A-vertex coordinates:

Trilinears    -sqrt(3)*a : (sqrt(3)*SC+S)/b : (sqrt(3)*SB+S)/c

## 1st and 2nd Fermat-Dao equilateral

Let F=X(13) be the 1st Fermat point of ABC and La the parallel to BC through F. Let Ab and Ac be the points, others than F, where La cuts the circumcircles of FAC and FAB, respectively. Construct Bc, Ba and Ca, Cb cyclically. Let A'=AbCb∩AcBc and similarly B' and C'. The triangle A'B'C' is equilateral and is named the 1st Fermat-Dao equilateral triangle. (Reference: X16247)

If the above construction is done from F=X(14) (the 2nd Fermat point of ABC), the obtained triangle A'B'C' is also equilateral and is called the 2nd Fermat-Dao equilateral triangle. (Reference: X16247)

You can see a sketch of 1st and 2nd Fermat-Dao equilateral triangles here.

A-vertex coordinates:

1st Fermat-Dao equilateral triangle:

Trilinears
-a*(sqrt(3)*S*((-6*R^2+3*SA+12*SW)*S^2+(7*SA^2+SB*SC+SW^2)*SW+18*R^2*SB*SC)+(20*S^2-6*R^2*(3*SA-SW)+19*SA^2-SB*SC+11*SW^2)*S^2+3*(2*SA-SW)*SA*SW^2)/(sqrt(3)*a^2+2*S) : (S+sqrt(3)*SB)*(S^2+sqrt(3)*(6*R^2-SW+SC)*S+SW*SC)*b : (S+sqrt(3)*SC)*(S^2+sqrt(3)*(6*R^2-SW+SB)*S+SB*SW)*c

2nd Fermat-Dao equilateral triangle:
Trilinears
-a*(-sqrt(3)*S*((-6*R^2+3*SA+12*SW)*S^2+(7*SA^2+SB*SC+SW^2)*SW+18*R^2*SB*SC)+(20*S^2-6*R^2*(3*SA-SW)+19*SA^2-SB*SC+11*SW^2)*S^2+3*(2*SA-SW)*SA*SW^2)/(sqrt(3)*a^2-2*S) : (-S+sqrt(3)*SB)*(S^2-sqrt(3)*(6*R^2-SW+SC)*S+SW*SC)*b : (-S+sqrt(3)*SC)*(S^2-sqrt(3)*(6*R^2-SW+SB)*S+SB*SW)*c

## 3rd and 4th Fermat-Dao equilateral

Let F=X(13) be the 1st Fermat point of ABC. Let Ab and Ac be points on AC and AB, respectively, such that FAbAc is an equilateral triangle with the same orientation as ABC. Denote the centroid of FAbAc as A' and similarly build B' and C'. The triangle A'B'C' is equilateral and is named the 3rd Fermat-Dao equilateral triangle. (Reference: X16267)
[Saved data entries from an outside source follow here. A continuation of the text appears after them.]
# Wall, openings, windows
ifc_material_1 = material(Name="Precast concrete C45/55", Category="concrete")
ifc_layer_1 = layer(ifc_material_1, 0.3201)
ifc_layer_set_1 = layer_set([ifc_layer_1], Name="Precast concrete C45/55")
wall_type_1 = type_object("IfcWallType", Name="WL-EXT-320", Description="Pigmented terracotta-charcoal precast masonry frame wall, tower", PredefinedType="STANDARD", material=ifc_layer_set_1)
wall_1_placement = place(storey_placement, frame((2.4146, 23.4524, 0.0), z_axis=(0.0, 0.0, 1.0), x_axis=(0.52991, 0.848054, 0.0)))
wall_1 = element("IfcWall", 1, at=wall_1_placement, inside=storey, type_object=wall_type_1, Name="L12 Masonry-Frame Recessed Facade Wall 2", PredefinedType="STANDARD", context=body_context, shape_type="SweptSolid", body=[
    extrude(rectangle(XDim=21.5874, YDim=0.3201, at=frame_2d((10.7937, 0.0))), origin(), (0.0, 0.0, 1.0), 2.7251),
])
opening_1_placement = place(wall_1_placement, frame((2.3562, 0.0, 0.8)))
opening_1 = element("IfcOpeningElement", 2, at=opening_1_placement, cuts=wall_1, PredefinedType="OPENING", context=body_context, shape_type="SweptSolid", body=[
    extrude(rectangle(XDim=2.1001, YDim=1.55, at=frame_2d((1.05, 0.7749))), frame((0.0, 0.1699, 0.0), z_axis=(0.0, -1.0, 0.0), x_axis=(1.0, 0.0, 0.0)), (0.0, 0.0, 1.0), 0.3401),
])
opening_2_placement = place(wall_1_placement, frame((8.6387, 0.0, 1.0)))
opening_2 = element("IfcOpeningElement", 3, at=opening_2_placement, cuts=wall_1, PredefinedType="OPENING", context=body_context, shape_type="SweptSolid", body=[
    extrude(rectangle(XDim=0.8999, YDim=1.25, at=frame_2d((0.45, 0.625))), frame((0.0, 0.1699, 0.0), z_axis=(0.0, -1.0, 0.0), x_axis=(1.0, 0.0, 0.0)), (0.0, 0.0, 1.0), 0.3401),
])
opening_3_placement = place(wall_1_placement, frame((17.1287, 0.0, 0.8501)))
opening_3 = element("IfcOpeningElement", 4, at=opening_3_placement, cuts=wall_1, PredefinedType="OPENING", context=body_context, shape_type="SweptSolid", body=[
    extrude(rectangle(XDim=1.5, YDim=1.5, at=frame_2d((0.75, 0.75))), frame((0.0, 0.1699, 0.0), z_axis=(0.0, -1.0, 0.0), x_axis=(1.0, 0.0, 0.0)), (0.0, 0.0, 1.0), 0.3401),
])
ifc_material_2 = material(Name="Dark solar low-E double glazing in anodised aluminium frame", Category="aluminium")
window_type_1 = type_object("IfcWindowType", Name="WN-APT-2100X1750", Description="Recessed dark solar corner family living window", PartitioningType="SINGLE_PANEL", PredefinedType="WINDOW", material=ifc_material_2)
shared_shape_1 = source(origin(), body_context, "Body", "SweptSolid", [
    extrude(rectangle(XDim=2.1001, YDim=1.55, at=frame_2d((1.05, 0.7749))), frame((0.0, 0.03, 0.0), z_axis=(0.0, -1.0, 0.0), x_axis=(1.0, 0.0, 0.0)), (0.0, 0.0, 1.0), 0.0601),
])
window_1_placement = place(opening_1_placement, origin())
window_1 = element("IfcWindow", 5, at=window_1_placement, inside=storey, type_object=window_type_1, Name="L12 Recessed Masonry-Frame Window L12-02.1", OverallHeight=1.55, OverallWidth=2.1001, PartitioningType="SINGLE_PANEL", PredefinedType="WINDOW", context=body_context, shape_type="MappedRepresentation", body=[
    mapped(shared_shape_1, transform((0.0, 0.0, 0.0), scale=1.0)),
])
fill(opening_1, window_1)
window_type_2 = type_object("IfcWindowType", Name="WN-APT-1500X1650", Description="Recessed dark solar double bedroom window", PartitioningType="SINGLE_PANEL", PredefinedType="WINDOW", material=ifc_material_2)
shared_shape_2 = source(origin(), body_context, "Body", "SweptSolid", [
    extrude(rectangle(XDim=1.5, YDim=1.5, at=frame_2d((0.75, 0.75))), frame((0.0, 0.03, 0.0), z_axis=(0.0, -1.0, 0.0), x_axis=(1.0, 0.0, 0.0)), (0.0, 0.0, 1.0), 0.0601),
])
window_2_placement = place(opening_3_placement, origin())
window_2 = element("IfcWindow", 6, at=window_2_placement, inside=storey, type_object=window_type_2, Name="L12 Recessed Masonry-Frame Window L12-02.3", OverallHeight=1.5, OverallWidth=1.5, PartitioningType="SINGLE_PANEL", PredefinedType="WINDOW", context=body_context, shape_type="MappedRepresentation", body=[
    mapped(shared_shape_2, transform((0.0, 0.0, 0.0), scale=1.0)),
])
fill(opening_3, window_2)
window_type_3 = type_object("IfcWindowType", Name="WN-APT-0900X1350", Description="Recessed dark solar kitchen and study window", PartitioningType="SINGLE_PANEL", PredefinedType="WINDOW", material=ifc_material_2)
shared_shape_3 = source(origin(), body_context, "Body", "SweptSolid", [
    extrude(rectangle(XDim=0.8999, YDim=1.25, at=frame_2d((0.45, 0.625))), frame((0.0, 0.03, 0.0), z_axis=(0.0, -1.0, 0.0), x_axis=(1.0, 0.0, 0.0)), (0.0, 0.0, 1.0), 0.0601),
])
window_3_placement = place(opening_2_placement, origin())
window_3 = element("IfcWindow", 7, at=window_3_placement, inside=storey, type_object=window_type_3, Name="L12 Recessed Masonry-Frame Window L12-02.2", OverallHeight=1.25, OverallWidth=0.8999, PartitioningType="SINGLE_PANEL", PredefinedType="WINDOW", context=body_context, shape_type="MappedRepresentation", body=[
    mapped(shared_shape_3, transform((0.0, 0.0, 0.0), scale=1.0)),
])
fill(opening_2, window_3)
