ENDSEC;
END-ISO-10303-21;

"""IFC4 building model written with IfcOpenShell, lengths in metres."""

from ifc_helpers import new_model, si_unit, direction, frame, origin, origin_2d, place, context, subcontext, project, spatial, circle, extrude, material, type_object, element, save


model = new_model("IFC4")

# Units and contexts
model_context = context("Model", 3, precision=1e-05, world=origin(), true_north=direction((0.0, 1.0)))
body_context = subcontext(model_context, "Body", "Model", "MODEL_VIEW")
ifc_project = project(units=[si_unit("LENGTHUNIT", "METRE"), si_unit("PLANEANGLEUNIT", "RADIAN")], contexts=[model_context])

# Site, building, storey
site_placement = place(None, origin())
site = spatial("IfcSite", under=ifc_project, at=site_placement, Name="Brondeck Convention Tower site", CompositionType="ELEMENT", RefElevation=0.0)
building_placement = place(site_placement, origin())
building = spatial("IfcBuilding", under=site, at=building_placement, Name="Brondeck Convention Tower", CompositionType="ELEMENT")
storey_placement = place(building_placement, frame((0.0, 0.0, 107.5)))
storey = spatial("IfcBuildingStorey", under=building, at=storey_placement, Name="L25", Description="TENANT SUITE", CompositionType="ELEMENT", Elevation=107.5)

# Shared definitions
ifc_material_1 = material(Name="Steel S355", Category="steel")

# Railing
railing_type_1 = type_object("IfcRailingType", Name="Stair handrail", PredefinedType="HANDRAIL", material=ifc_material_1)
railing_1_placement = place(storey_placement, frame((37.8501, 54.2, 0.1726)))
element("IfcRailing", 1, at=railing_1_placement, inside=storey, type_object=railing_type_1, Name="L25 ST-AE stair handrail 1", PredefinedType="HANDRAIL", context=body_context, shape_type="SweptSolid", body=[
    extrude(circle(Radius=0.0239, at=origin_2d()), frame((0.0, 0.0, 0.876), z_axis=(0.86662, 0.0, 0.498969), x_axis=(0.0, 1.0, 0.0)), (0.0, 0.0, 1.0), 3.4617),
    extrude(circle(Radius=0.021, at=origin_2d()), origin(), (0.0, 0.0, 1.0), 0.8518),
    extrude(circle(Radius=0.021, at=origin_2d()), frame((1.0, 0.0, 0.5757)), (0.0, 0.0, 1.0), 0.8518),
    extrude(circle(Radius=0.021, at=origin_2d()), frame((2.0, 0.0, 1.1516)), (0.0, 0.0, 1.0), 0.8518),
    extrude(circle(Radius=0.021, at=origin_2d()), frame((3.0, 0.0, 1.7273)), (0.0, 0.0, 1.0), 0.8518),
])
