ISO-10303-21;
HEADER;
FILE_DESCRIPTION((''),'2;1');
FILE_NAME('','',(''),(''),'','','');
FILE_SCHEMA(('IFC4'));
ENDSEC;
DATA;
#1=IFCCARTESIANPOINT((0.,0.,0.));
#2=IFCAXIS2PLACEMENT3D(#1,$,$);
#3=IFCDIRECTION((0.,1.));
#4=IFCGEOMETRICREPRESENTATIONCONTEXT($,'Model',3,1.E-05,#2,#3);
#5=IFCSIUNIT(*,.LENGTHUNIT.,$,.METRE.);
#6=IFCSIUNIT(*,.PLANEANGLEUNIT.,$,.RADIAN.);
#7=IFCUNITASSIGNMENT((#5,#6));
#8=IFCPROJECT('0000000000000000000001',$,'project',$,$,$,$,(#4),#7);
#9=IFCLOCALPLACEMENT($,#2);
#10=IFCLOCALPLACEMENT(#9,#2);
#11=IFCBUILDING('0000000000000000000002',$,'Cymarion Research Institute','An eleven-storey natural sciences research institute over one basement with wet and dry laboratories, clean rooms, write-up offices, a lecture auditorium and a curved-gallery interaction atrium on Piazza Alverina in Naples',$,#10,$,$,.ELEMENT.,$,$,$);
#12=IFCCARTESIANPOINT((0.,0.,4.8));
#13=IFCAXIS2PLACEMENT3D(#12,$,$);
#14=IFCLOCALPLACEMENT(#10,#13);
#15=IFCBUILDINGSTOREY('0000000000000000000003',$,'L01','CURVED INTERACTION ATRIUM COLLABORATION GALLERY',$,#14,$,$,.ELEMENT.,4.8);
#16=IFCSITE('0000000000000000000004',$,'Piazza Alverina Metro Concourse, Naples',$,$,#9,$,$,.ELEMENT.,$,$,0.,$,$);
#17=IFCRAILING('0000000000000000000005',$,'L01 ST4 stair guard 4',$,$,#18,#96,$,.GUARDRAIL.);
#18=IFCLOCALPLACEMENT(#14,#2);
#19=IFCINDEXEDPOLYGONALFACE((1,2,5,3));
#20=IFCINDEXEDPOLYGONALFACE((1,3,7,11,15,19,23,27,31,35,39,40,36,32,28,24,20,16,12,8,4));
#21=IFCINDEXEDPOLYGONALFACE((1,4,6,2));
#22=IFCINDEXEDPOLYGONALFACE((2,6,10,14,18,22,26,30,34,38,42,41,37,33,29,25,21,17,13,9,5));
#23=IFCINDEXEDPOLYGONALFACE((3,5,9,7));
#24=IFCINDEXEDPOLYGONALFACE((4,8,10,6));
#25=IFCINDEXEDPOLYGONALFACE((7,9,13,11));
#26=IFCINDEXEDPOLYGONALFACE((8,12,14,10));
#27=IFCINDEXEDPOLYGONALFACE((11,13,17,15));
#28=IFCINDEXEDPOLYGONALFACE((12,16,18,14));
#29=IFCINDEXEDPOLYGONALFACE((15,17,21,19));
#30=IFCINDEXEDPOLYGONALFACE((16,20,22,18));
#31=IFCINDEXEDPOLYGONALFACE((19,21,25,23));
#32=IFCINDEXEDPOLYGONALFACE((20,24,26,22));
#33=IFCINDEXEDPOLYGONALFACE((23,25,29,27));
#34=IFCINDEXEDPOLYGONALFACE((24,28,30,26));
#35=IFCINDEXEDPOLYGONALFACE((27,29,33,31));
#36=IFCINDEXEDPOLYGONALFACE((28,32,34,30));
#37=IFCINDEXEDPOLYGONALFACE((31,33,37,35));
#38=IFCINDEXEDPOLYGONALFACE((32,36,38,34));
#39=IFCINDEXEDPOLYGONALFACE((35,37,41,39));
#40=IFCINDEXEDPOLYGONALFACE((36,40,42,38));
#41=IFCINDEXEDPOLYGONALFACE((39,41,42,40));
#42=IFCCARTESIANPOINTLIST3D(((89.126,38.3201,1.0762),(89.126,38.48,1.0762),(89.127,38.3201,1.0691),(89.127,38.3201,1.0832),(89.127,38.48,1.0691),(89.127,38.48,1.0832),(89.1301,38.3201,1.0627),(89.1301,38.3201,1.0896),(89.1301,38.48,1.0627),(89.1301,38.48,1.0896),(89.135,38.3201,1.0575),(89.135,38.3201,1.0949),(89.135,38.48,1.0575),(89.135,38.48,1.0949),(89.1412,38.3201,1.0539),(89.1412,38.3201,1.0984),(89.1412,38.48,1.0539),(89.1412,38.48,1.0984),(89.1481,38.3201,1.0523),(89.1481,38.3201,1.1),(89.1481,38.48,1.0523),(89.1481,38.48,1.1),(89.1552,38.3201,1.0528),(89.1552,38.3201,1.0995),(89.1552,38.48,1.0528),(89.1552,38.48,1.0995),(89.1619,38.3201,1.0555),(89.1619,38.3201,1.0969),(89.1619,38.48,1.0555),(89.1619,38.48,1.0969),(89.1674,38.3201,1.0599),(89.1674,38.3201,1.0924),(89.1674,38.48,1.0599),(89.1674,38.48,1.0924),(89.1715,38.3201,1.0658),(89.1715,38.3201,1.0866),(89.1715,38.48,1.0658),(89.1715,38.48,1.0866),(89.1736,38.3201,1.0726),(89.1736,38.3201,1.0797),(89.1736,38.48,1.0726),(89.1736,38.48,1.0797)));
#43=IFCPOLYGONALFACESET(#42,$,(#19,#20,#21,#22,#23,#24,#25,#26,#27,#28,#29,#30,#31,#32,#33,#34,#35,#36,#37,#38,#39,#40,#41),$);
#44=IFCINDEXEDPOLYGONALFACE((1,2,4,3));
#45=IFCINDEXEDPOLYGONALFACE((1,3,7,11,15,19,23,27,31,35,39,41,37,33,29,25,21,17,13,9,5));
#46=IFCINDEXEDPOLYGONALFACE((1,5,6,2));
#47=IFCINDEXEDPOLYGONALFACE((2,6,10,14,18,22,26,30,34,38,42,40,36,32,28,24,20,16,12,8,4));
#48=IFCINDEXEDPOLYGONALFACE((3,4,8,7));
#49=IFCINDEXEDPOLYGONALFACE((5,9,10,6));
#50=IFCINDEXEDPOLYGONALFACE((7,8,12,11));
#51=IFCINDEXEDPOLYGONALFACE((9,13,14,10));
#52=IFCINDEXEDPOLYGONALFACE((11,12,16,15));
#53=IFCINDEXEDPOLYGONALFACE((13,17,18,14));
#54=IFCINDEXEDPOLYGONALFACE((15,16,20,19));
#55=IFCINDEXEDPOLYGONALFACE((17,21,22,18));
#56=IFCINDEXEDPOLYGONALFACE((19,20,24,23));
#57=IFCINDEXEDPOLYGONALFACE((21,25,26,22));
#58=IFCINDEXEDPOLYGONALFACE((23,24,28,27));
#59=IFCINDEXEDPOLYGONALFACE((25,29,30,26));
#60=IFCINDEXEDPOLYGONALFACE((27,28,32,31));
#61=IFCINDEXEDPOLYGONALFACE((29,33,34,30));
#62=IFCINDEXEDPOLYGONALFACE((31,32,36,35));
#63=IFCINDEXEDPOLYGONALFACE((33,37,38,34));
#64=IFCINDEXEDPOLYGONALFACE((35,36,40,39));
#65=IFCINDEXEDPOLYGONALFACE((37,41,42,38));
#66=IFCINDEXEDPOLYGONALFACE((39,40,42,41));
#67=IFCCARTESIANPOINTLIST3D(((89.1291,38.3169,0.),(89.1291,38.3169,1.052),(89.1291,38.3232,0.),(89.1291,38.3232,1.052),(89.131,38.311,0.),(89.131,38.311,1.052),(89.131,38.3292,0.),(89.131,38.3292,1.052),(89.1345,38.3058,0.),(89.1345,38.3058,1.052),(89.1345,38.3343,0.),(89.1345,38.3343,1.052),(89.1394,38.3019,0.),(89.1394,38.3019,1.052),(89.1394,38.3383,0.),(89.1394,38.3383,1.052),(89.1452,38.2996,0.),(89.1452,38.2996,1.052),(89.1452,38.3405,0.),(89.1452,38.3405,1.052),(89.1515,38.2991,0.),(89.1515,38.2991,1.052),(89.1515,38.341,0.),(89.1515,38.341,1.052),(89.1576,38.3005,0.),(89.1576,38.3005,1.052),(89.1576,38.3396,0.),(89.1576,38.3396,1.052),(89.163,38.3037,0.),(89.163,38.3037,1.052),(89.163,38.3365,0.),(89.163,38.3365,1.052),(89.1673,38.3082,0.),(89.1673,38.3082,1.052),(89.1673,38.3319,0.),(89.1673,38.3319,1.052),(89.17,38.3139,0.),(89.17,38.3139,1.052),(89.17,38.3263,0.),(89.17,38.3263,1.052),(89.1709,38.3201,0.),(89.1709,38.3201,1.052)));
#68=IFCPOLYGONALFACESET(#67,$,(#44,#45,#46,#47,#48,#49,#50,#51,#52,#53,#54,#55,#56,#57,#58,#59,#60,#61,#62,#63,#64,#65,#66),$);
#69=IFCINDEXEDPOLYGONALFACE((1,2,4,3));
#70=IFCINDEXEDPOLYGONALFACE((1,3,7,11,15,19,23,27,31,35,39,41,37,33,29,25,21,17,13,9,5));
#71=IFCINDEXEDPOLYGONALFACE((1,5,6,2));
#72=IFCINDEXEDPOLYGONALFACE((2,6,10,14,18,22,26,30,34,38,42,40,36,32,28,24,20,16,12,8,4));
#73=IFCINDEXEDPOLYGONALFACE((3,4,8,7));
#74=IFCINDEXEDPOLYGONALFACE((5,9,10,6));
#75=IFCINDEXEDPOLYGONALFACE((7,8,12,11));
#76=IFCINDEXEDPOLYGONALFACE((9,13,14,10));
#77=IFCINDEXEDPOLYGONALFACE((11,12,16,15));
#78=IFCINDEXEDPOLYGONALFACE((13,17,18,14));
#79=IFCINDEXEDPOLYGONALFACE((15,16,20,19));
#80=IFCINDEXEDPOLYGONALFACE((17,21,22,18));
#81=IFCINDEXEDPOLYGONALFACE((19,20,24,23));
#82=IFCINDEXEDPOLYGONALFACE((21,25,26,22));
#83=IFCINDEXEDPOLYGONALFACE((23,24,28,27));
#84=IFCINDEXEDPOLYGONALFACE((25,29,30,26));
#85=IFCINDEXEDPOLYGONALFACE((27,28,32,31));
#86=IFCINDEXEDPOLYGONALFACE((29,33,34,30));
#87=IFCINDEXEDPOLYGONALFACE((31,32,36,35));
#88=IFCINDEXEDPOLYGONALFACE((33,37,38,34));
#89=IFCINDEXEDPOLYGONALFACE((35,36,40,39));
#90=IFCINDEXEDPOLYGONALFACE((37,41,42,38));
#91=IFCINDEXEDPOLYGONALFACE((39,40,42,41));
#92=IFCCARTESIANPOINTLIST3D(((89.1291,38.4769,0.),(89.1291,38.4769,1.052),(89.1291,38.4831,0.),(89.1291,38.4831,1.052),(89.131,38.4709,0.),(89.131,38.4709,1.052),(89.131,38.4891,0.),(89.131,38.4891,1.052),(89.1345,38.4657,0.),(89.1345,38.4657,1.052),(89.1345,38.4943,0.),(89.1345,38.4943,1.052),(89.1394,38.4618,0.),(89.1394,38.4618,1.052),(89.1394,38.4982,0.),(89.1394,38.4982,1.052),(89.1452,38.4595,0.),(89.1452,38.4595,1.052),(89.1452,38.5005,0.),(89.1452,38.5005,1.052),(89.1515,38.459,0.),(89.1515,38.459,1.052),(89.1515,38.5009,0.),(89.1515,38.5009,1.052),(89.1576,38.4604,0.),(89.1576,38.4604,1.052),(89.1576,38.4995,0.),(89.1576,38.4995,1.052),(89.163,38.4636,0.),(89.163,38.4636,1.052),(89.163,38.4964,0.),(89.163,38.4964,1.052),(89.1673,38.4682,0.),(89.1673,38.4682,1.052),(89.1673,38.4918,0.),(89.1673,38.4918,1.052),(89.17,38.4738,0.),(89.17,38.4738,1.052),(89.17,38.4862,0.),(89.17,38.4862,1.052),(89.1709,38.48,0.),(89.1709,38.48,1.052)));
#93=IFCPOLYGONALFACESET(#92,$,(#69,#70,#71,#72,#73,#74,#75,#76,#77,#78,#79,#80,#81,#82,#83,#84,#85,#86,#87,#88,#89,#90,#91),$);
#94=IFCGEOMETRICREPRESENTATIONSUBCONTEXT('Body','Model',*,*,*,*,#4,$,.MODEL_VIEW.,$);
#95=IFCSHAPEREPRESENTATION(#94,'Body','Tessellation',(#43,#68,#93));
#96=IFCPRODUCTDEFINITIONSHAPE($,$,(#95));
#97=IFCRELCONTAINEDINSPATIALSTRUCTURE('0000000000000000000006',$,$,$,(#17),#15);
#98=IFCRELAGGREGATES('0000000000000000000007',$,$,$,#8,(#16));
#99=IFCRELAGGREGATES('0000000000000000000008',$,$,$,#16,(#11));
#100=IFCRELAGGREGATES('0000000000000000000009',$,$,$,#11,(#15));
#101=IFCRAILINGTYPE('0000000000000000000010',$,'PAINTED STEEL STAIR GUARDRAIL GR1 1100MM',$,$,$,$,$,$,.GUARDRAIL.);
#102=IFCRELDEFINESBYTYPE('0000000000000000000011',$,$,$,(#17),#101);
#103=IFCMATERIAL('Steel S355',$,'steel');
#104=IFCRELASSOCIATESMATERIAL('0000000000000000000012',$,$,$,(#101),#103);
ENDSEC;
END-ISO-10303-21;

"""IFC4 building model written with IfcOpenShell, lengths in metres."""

from ifc_helpers import new_model, si_unit, direction, frame, origin, origin_2d, place, context, subcontext, project, spatial, circle, extrude, material, type_object, element, save


model = new_model("IFC4")

# Units and contexts
model_context = context("Model", 3, precision=1e-05, world=origin(), true_north=direction((0.0, 1.0)))
body_context = subcontext(model_context, "Body", "Model", "MODEL_VIEW")
ifc_project = project(units=[si_unit("LENGTHUNIT", "METRE"), si_unit("PLANEANGLEUNIT", "RADIAN")], contexts=[model_context])

# Site, building, storey
site_placement = place(None, origin())
site = spatial("IfcSite", under=ifc_project, at=site_placement, Name="Piazza Alverina Metro Concourse, Naples", CompositionType="ELEMENT", RefElevation=0.0)
building_placement = place(site_placement, origin())
building = spatial("IfcBuilding", under=site, at=building_placement, Name="Cymarion Research Institute", Description="An eleven-storey natural sciences research institute over one basement with wet and dry laboratories, clean rooms, write-up offices, a lecture auditorium and a curved-gallery interaction atrium on Piazza Alverina in Naples", CompositionType="ELEMENT")
storey_placement = place(building_placement, frame((0.0, 0.0, 4.8)))
storey = spatial("IfcBuildingStorey", under=building, at=storey_placement, Name="L01", Description="CURVED INTERACTION ATRIUM COLLABORATION GALLERY", CompositionType="ELEMENT", Elevation=4.8)

# Shared definitions
ifc_material_1 = material(Name="Steel S355", Category="steel")

# Railing
railing_type_1 = type_object("IfcRailingType", Name="PAINTED STEEL STAIR GUARDRAIL GR1 1100MM", PredefinedType="GUARDRAIL", material=ifc_material_1)
railing_1_placement = place(storey_placement, frame((89.1499, 38.3201, 0.0)))
element("IfcRailing", 1, at=railing_1_placement, inside=storey, type_object=railing_type_1, Name="L01 ST4 stair guard 4", PredefinedType="GUARDRAIL", context=body_context, shape_type="SweptSolid", body=[
    extrude(circle(Radius=0.0239, at=origin_2d()), frame((0.0, 0.0, 1.0762), z_axis=(0.0, 1.0, 0.0), x_axis=(-1.0, 0.0, 0.0)), (0.0, 0.0, 1.0), 0.1599),
    extrude(circle(Radius=0.021, at=origin_2d()), origin(), (0.0, 0.0, 1.0), 1.052),
    extrude(circle(Radius=0.021, at=origin_2d()), frame((0.0, 0.1599, 0.0)), (0.0, 0.0, 1.0), 1.052),
])

save(model, "model.ifc")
Let F=X(14) be the 2nd Fermat point of ABC. Let Ab and Ac be points on AC and AB, respectively, such that FAbAc is an equilateral triangle with opposite orientation than ABC. Denote the centroid of FAbAc as A" and similarly build B" and C". The triangle A"B"C" is equilateral and is named the 4th Fermat-Dao equilateral triangle. (Reference: X16268)
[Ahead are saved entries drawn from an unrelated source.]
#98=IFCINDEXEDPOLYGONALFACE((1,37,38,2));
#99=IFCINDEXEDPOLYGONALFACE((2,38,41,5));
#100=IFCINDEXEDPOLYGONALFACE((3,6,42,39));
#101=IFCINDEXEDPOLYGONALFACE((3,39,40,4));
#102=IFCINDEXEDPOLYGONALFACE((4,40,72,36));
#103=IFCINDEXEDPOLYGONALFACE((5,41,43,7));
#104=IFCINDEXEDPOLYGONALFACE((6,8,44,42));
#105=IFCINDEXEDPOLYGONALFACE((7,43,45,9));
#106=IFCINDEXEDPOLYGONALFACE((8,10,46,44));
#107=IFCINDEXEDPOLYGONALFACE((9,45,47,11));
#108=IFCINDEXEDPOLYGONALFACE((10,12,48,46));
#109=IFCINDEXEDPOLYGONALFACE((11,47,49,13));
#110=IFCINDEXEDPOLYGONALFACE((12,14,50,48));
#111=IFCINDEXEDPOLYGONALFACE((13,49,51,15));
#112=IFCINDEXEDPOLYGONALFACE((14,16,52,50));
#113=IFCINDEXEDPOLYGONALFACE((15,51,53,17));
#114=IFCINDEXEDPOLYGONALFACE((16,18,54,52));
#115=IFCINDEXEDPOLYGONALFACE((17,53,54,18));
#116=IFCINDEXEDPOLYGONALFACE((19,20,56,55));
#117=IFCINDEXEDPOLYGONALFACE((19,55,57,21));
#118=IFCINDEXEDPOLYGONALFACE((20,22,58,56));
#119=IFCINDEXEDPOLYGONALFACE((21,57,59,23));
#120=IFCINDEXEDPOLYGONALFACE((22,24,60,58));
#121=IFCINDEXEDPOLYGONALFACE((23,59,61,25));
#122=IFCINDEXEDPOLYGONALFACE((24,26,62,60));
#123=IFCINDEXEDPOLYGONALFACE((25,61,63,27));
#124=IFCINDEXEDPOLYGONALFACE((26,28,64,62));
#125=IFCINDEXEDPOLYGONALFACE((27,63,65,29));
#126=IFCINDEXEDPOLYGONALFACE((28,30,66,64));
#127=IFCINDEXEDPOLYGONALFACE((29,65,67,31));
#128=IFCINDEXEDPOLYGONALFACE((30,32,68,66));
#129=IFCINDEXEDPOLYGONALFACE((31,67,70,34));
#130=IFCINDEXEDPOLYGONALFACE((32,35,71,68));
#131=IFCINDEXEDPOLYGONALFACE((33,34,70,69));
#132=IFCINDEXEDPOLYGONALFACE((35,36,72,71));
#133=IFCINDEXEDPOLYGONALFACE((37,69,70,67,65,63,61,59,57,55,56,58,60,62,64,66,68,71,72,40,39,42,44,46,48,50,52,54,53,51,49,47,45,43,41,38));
You can see a sketch of 3rd and 4th Fermat-Dao equilateral triangles here.

A-vertex coordinates:

3rd Fermat-Dao equilateral triangle:

Trilinears
(sqrt(3)*(3*S^2+SB*SC)+5*(SB+SC)*S)/(a*(sqrt(3)*SA+S)) : (SC+sqrt(3)*S)/b : (SB+sqrt(3)*S)/c

4th Fermat-Dao equilateral triangle:
Trilinears
(sqrt(3)*(3*S^2+SB*SC)-5*(SB+SC)*S)/(a*(sqrt(3)*SA-S)) : (SC-sqrt(3)*S)/b : (SB-sqrt(3)*S)/c

## 5th and 6th Fermat-Dao equilateral

Let F=X(13) be the 1st Fermat point of ABC. Let Ba and Ca be points on BC such that the triangle FBaCa is equilateral. Define the pairs {Cb, Ab} and {Ab, Bc}cyclically. Let A' be the point other than F that lies on the circles (FAcBc) and (FCbAb), and define B' and C' cyclically. Then the triangle A'B'C' is equilateral and is the 5th Fermat Dao equilateral triangle of ABC. (Reference: X16459)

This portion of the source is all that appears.